In America’s Founding May Not Have Been Christian, but It Sure Wasn’t Anti-Christian, Robert Tracy McKenzie, chair of the Department of History at Wheaton College, reviews Matthew Stewart’s Nature’s God: The Heretical Origins of the American Republic. (Christianity Today 07/03/14):
… I’ll leave it to the philosophers to evaluate whether Stewart has exaggerated the underlying atheism of this cast of characters. (His portrayal of Locke, at least, is sure to arouse controversy.) As a historian, I am more concerned by his utter failure to establish the influence of atheistic belief on America’s founding. Historians believe that our most important task is to explain what we see, basing our statements of cause and effect on evidence. Stewart takes a different approach. He concludes that radical philosophy was widespread among common Americans after discovering it in the writings of two individuals, Vermont’s backwoods leader Ethan Allen and a Boston physician named Thomas Young. In like manner, he finds that atheistic presuppositions determined the political philosophy of the most prominent Founders by ruthlessly disregarding all competing influences. This is pronouncement, not demonstration.

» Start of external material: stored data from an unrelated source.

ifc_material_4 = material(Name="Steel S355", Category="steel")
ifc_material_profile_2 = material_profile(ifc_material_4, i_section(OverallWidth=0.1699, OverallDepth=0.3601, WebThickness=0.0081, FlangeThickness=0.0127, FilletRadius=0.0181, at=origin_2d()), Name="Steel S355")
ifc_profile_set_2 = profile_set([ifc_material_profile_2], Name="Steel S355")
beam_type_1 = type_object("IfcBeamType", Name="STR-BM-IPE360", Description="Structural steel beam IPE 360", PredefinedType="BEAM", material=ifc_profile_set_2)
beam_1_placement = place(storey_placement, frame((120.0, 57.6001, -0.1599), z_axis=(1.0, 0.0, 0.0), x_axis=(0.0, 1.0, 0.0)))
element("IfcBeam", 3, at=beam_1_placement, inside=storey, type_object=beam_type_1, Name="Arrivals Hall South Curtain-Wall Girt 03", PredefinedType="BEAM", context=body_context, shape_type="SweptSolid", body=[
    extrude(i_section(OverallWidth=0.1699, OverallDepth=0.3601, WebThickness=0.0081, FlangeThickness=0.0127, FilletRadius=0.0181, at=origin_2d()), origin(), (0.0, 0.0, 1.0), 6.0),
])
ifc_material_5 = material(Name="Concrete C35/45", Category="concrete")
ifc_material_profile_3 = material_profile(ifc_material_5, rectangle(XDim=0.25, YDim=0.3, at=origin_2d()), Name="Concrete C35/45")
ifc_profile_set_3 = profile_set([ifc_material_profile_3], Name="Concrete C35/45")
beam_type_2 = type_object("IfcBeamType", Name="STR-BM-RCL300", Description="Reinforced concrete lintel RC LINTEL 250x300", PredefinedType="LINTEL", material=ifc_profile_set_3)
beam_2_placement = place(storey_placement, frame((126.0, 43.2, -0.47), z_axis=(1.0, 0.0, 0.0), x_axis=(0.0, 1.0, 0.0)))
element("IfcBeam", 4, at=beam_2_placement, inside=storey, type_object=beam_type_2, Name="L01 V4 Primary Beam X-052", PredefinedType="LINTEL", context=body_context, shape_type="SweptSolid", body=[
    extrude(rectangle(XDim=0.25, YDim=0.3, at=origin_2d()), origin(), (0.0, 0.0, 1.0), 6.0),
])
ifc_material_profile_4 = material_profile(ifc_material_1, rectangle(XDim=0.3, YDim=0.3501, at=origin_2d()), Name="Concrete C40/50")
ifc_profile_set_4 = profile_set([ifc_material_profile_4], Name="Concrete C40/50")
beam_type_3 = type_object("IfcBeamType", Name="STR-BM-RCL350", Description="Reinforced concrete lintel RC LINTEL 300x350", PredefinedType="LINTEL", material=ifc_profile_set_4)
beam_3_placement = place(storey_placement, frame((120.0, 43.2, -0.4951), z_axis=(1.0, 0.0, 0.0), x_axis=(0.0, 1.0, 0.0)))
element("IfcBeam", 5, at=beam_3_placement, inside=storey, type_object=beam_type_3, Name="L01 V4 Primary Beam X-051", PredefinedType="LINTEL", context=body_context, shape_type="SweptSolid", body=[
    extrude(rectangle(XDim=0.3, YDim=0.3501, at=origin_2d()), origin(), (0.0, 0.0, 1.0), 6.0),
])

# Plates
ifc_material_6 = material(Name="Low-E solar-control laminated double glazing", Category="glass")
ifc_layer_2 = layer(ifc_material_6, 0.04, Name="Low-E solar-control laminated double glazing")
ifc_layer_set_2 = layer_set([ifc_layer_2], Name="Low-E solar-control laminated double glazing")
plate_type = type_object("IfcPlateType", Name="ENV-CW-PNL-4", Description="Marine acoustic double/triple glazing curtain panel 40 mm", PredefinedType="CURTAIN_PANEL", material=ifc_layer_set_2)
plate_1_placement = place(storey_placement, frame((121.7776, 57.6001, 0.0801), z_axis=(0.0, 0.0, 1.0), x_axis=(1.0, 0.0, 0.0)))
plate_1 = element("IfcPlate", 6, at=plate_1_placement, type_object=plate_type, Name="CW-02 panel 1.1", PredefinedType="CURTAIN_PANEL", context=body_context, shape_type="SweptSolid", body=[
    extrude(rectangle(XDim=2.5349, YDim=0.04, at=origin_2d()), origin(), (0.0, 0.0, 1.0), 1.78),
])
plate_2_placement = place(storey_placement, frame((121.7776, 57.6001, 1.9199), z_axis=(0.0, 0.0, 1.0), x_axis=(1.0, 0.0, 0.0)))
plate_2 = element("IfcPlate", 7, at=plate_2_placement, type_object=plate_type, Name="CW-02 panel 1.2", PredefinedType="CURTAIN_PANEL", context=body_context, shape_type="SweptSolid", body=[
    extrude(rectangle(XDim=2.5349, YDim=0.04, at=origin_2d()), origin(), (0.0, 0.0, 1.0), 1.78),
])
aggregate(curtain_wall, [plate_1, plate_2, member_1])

McKenzie comments further, on his own blog, Faith and American History:
Although Stewart cloaks his argument in a 400-page narrative, the heart of his reasoning boils down to a simple syllogism: The ideas that matter in history are the ones that are true. Religious beliefs are, by definition, false. Ergo (philosophers say ergo a lot), religious beliefs couldn’t have mattered in the American founding. If lots of colonists back in ’76 thought otherwise, that’s because they weren’t as enlightened as the author. Too bad for them.
The thrust of my review was to call attention to Stewart’s a priori assumptions and to remind readers of historians’ quaint belief that historical assertions should be grounded in historical evidence. Stewart is correct to point out that the religious beliefs of many of the leading Founders were unorthodox, David Barton’s wish-dreams to the contrary notwithstanding. But Stewart errs badly in equating the views of the leading Founders with atheism, and he provides almost no evidence at all for his insistence that radical philosophy was widespread among the rank and file of colonial patriots. In short, the emperor has no clothes.

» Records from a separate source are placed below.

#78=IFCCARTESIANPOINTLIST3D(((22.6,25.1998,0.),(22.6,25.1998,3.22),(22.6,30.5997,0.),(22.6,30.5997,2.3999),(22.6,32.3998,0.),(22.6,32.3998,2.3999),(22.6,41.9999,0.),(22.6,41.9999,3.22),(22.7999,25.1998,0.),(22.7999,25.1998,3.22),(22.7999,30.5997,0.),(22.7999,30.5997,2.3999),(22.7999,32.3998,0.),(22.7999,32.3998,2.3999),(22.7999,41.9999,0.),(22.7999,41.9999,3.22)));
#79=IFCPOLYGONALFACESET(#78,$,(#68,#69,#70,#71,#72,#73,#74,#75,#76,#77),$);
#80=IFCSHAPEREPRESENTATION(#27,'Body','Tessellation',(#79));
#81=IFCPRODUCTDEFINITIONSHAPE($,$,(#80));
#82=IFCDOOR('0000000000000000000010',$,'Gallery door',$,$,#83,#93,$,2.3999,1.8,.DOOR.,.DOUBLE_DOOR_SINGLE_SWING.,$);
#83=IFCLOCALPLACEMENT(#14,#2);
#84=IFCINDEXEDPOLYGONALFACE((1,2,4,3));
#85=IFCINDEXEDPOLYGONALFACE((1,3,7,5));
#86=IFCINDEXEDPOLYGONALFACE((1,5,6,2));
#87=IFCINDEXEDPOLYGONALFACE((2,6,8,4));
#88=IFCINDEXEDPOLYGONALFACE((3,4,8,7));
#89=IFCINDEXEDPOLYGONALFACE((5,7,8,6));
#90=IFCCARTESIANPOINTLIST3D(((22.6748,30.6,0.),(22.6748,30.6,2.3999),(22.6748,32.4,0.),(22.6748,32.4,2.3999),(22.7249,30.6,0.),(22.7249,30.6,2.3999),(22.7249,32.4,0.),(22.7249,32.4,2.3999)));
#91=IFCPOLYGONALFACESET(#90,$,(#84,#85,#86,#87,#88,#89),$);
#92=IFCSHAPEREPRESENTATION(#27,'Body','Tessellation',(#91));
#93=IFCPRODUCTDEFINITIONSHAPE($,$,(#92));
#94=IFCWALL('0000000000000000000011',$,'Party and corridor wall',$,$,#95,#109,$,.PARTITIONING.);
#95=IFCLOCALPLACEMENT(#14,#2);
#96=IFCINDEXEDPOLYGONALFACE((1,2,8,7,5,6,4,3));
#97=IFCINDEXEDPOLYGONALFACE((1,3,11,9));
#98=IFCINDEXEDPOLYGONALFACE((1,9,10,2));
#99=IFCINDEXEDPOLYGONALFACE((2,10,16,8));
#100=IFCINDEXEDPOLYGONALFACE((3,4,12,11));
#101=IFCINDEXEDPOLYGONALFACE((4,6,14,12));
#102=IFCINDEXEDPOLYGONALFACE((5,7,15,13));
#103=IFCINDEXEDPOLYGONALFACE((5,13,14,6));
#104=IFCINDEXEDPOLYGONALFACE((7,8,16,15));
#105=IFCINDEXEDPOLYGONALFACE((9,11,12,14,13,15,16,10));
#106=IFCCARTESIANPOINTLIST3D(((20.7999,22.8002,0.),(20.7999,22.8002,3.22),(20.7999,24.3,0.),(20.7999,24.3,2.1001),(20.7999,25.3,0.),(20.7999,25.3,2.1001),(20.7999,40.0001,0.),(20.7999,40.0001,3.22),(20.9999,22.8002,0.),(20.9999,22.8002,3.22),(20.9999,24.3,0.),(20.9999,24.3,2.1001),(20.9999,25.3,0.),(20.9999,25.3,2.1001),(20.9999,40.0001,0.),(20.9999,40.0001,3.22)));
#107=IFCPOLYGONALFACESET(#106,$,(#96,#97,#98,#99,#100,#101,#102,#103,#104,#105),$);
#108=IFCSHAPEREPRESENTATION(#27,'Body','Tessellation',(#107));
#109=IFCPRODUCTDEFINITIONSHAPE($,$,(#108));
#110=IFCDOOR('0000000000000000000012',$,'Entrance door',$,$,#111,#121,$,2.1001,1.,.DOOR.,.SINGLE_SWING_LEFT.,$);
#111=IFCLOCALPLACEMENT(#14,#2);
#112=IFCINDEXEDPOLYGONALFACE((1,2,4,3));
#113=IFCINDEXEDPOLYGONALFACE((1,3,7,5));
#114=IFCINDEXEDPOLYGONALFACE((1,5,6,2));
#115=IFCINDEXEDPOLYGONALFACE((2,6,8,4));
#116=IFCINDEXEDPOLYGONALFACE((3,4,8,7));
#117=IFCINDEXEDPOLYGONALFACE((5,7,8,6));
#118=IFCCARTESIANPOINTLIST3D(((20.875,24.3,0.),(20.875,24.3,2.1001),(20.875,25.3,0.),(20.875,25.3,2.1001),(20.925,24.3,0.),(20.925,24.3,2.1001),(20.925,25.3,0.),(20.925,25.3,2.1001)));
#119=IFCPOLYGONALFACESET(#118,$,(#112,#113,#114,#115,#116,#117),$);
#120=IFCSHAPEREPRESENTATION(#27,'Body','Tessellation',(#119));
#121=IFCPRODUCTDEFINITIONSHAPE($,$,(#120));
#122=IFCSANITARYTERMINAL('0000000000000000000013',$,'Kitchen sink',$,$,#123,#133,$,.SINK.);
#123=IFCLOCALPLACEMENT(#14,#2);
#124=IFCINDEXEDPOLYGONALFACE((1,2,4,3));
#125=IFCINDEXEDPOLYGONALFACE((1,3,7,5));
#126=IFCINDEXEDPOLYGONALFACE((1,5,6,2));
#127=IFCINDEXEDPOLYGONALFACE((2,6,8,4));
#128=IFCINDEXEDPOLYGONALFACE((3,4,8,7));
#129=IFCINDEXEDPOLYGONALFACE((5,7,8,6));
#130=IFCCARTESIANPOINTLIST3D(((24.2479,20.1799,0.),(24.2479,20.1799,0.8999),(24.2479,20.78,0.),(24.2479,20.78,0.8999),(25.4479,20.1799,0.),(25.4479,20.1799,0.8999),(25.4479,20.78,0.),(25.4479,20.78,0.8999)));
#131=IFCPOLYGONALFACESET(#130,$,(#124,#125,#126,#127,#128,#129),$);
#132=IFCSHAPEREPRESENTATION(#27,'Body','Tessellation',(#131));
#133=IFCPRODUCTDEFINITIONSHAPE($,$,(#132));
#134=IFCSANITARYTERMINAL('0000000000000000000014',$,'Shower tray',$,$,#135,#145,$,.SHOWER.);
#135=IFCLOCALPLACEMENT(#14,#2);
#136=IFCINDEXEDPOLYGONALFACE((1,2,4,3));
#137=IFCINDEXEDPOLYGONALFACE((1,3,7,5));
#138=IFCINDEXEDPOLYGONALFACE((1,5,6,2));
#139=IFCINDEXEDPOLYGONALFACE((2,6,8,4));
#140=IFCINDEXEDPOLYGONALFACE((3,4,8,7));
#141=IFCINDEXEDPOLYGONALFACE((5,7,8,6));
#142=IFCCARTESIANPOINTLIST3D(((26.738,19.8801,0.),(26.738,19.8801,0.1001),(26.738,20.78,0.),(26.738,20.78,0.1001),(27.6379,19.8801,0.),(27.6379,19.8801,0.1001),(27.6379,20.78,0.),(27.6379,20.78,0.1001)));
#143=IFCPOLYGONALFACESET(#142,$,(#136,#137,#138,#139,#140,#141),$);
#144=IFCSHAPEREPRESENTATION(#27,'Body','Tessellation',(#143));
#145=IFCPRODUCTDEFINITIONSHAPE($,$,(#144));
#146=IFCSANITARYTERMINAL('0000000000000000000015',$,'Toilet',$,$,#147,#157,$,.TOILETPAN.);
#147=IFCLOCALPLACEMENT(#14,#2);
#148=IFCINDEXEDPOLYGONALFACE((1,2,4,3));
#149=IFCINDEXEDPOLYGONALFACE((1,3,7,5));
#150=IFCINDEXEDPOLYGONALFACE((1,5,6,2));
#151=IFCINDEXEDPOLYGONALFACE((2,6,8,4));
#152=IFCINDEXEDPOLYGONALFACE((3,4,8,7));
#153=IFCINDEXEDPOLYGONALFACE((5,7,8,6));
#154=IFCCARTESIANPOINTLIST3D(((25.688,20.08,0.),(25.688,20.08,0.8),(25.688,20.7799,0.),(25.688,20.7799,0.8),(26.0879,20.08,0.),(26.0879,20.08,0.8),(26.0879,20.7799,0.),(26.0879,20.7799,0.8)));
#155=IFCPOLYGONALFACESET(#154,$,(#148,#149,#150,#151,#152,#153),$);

Matthew Stewart, a self-identified atheist, professed in an interview with the Boston Globe that he’d “like the United States to become what it was always meant to be, which is a secular nation — more publicly committed to reason, to improving understanding, and promoting education”, sans traditional orthodox religiosity of any kind. Curiously, notes McKenzie,
for a study that is so determined to discredit orthodox Christianity, the author is curiously averse to engaging Christian scholars, whether historians or theologians. When it comes to the religious beliefs of the revolutionary generation, quite a number of Christian historians have anticipated much of Stewart’s findings, albeit with vastly greater nuance and balance, but you’d never know it from his account.
Elsewhere, Baron Swaim (Wall Street Journal) deems that “Mr. Stewart’s learning in philosophical radicalism is impressive; what undermines his work is his contempt for everyone but the few radicals he esteems.” And Charles W. Cooke (National Review) corrects Stewart’s mistaken charge that “the first Tea-Partier was an atheist.”